ALthough, DD brings up a good point.

Your sifu will know more about your ability as a teacher than we could tell you from videos.

Overall from what a saw, youre doing fine. Youre explaining, encouraging, and helping students enough that they understand what they need to be doing in the top video. Which is one of the jobs of being an assistant instructor

Some Advice,

If you can work with kids.

ESPECIALLY, younger kids (3-9 give or take)

We started a kids class for 3-5 year olds and 6+ are a part of our normal class (my branch school isnt a big club)

As someone whose worked with young kids since I was around green belt, very few students will ever test your patience, or be so frustrating and heartwarming as young kids. It really shows you how well you can deal with students who dont really care, cant focus, or just plain dont wanna be there. Plus, if youre also working with adults, you're really begin to see how many different ways we as instructors will have to the same thing because everyone's different.


----------



## ali55 (May 23, 2015)

My Sifu fully supports me and looks forward to the day I do become a sifu of my own right. Its good to keep an open mind and hear feedback from others though! thanks for the help!


----------



## chan jackson (Jun 10, 2015)

Looks awesome bro! Keep up the good work!


----------



## donald1 (Jun 10, 2015)

I too plan on teaching martial arts one day 

Good luck with your training, im sure in years to come you will look back and remember the day you been promoted to sifu and all the hard work to get you there


----------



## marques (Jun 10, 2015)

I started at your age. So you're not so young. (And if you are looking for a business... the sooner, the better, I guess.)
Anyway, I think it will be hard to teach older people, specially when they don't trust a "kid" without life and fight experience (stereotype).


----------



## EddieCyrax (Jun 10, 2015)

marques said:


> I started at your age. So you're not so young. (And if you are looking for a business... the sooner, the better, I guess.)
> Anyway, I think it will be hard to teach older people, specially when they don't trust a "kid" without life and fight experience (stereotype).


 

I don't think you will have issues with older people just so long as you realize a older human body does not work the same as a young one.
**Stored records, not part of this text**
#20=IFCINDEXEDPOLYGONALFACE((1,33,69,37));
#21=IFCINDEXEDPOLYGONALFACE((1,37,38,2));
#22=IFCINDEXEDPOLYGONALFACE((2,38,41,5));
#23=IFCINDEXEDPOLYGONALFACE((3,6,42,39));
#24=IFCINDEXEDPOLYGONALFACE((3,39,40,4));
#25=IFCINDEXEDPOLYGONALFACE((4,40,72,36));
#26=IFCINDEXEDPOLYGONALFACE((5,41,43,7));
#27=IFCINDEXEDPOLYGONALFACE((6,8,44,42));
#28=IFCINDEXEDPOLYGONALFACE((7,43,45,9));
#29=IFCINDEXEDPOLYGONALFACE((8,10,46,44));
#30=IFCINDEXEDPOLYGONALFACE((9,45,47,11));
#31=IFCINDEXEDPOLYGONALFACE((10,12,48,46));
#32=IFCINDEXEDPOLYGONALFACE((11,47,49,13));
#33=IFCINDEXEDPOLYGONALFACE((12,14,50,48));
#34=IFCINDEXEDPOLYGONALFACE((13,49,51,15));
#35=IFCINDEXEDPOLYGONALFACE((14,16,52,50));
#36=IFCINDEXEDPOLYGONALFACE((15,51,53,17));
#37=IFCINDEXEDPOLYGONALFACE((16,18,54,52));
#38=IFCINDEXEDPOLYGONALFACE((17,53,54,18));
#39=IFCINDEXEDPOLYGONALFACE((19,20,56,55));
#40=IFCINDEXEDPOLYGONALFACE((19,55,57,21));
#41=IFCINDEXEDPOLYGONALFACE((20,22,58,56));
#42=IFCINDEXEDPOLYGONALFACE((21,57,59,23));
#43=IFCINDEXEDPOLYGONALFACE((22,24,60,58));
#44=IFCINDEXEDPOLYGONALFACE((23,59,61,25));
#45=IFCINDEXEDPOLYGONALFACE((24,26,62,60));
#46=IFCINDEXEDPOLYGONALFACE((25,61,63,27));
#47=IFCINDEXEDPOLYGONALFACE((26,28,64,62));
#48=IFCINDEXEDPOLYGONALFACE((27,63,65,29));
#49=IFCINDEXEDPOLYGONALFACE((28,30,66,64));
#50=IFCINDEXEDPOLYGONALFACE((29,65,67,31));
My instructor is in his late 20's....I am in my mid-40's.....

He is very good in work through physical limitations that he can only empathize with now.


----------



## marques (Jun 11, 2015)

@EddieCyrax,
Well, older human body was not a problem within this discipline. I mean, almost none physical demand (no time for fitness during classes). More, force was The problem in training. It is a discipline for mature people.
I said that because I only got 1 student clearly older than me (during my short experience). And he was also training in another academy within the same organization. And he knew me. Maybe there are other reasons,  but I had this feeling...


----------



## Tony Dismukes (Jun 11, 2015)

The clip was obviously focused on your students, not you, so I can't judge your teaching skills without seeing more details of your instruction.* That said, I didn't see any immediate red flags. You seemed engaged with your students and they seemed to be having a good time.
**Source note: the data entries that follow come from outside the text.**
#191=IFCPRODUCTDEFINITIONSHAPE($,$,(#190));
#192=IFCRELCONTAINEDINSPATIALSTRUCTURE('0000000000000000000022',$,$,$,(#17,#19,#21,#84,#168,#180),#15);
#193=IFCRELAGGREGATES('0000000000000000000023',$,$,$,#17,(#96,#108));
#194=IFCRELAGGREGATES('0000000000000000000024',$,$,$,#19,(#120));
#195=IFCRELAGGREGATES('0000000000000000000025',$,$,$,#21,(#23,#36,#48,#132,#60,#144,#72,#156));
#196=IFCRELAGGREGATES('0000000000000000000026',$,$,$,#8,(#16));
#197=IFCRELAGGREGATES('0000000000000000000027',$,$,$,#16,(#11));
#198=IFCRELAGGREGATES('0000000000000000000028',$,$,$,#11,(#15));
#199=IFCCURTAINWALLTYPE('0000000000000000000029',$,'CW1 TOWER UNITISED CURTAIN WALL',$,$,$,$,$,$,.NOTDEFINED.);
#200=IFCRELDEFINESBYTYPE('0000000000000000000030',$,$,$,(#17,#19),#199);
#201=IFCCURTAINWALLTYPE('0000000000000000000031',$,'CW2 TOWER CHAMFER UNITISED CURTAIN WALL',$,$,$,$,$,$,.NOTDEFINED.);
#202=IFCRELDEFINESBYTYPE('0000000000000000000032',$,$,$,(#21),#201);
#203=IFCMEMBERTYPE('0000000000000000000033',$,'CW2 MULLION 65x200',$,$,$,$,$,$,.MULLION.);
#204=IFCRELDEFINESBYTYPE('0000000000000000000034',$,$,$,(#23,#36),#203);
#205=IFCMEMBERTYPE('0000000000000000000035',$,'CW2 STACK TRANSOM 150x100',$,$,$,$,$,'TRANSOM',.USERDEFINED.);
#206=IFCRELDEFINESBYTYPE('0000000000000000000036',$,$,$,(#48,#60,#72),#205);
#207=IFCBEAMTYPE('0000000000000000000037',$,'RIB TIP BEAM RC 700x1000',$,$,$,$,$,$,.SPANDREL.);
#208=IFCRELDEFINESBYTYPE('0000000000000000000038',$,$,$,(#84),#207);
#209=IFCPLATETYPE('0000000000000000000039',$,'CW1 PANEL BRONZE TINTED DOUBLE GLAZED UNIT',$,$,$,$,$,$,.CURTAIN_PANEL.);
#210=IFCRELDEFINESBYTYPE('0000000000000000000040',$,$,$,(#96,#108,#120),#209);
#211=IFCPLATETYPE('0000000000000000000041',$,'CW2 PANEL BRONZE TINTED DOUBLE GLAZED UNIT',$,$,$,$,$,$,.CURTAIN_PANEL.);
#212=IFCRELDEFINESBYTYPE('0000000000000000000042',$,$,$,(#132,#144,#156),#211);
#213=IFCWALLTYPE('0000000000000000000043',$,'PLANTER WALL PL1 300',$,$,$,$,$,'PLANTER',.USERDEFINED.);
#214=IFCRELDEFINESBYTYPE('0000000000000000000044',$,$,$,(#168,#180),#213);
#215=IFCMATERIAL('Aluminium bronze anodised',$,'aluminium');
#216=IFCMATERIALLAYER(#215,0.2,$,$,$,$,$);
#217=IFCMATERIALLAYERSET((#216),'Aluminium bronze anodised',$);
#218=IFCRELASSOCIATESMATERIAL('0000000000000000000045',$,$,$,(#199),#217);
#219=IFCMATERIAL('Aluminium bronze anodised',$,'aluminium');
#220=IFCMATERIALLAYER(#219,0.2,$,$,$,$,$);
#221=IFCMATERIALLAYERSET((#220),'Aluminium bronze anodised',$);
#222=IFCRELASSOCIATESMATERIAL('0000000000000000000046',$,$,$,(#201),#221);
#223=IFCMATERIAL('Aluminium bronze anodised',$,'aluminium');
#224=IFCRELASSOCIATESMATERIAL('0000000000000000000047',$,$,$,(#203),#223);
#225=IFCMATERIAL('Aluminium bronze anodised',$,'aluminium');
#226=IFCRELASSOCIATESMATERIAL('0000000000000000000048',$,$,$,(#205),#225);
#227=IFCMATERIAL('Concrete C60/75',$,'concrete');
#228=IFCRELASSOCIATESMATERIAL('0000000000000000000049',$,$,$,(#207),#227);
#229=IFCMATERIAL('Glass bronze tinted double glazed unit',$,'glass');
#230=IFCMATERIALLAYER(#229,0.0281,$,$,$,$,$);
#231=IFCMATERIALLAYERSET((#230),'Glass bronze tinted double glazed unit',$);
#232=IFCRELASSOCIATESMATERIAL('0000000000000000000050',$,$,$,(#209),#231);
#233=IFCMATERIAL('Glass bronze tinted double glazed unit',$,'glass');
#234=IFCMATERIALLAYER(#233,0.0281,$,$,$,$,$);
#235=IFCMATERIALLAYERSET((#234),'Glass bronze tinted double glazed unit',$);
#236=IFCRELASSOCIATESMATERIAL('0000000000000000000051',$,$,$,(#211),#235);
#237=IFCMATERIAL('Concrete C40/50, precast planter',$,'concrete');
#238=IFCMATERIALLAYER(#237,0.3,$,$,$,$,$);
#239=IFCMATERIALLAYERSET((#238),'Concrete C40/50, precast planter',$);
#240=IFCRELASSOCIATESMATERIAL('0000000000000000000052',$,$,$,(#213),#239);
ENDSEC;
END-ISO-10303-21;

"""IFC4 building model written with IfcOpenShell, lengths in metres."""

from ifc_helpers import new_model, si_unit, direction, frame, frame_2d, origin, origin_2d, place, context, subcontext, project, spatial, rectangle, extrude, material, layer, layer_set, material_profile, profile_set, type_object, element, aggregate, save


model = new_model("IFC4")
One question - you say you are a Wing Chun instructor, but what I'm seeing on that clip looks much more like  generic kickboxing than WC. I've never seen a WC instructor teaching bobbing and weaving or a Thai style round kick. Is this a separate class from your regular WC curriculum?

*(I could nitpick some details I see in your execution, but I don't know what is considered good technique in your system.)


----------



## chan jackson (Jun 11, 2015)

Tony Dismukes said:


> The clip was obviously focused on your students, not you, so I can't judge your teaching skills without seeing more details of your instruction.* That said, I didn't see any immediate red flags. You seemed engaged with your students and they seemed to be having a good time.
> 
> One question - you say you are a Wing Chun instructor, but what I'm seeing on that clip looks much more like  generic kickboxing than WC. I've never seen a WC instructor teaching bobbing and weaving or a Thai style round kick. Is this a separate class from your regular WC curriculum?
> 
> *(I could nitpick some details I see in your execution, but I don't know what is considered good technique in your system.)


He is a mixed martial artist, so not limiting himself and his students to wing chun. His style is actually really blended


----------



## ali55 (Jun 11, 2015)

marques said:


> @EddieCyrax,
> Well, older human body was not a problem within this discipline. I mean, almost none physical demand (no time for fitness during classes). More, force was The problem in training. It is a discipline for mature people.
> I said that because I only got 1 student clearly older than me (during my short experience). And he was also training in another academy within the same organization. And he knew me. Maybe there are other reasons,  but I had this feeling...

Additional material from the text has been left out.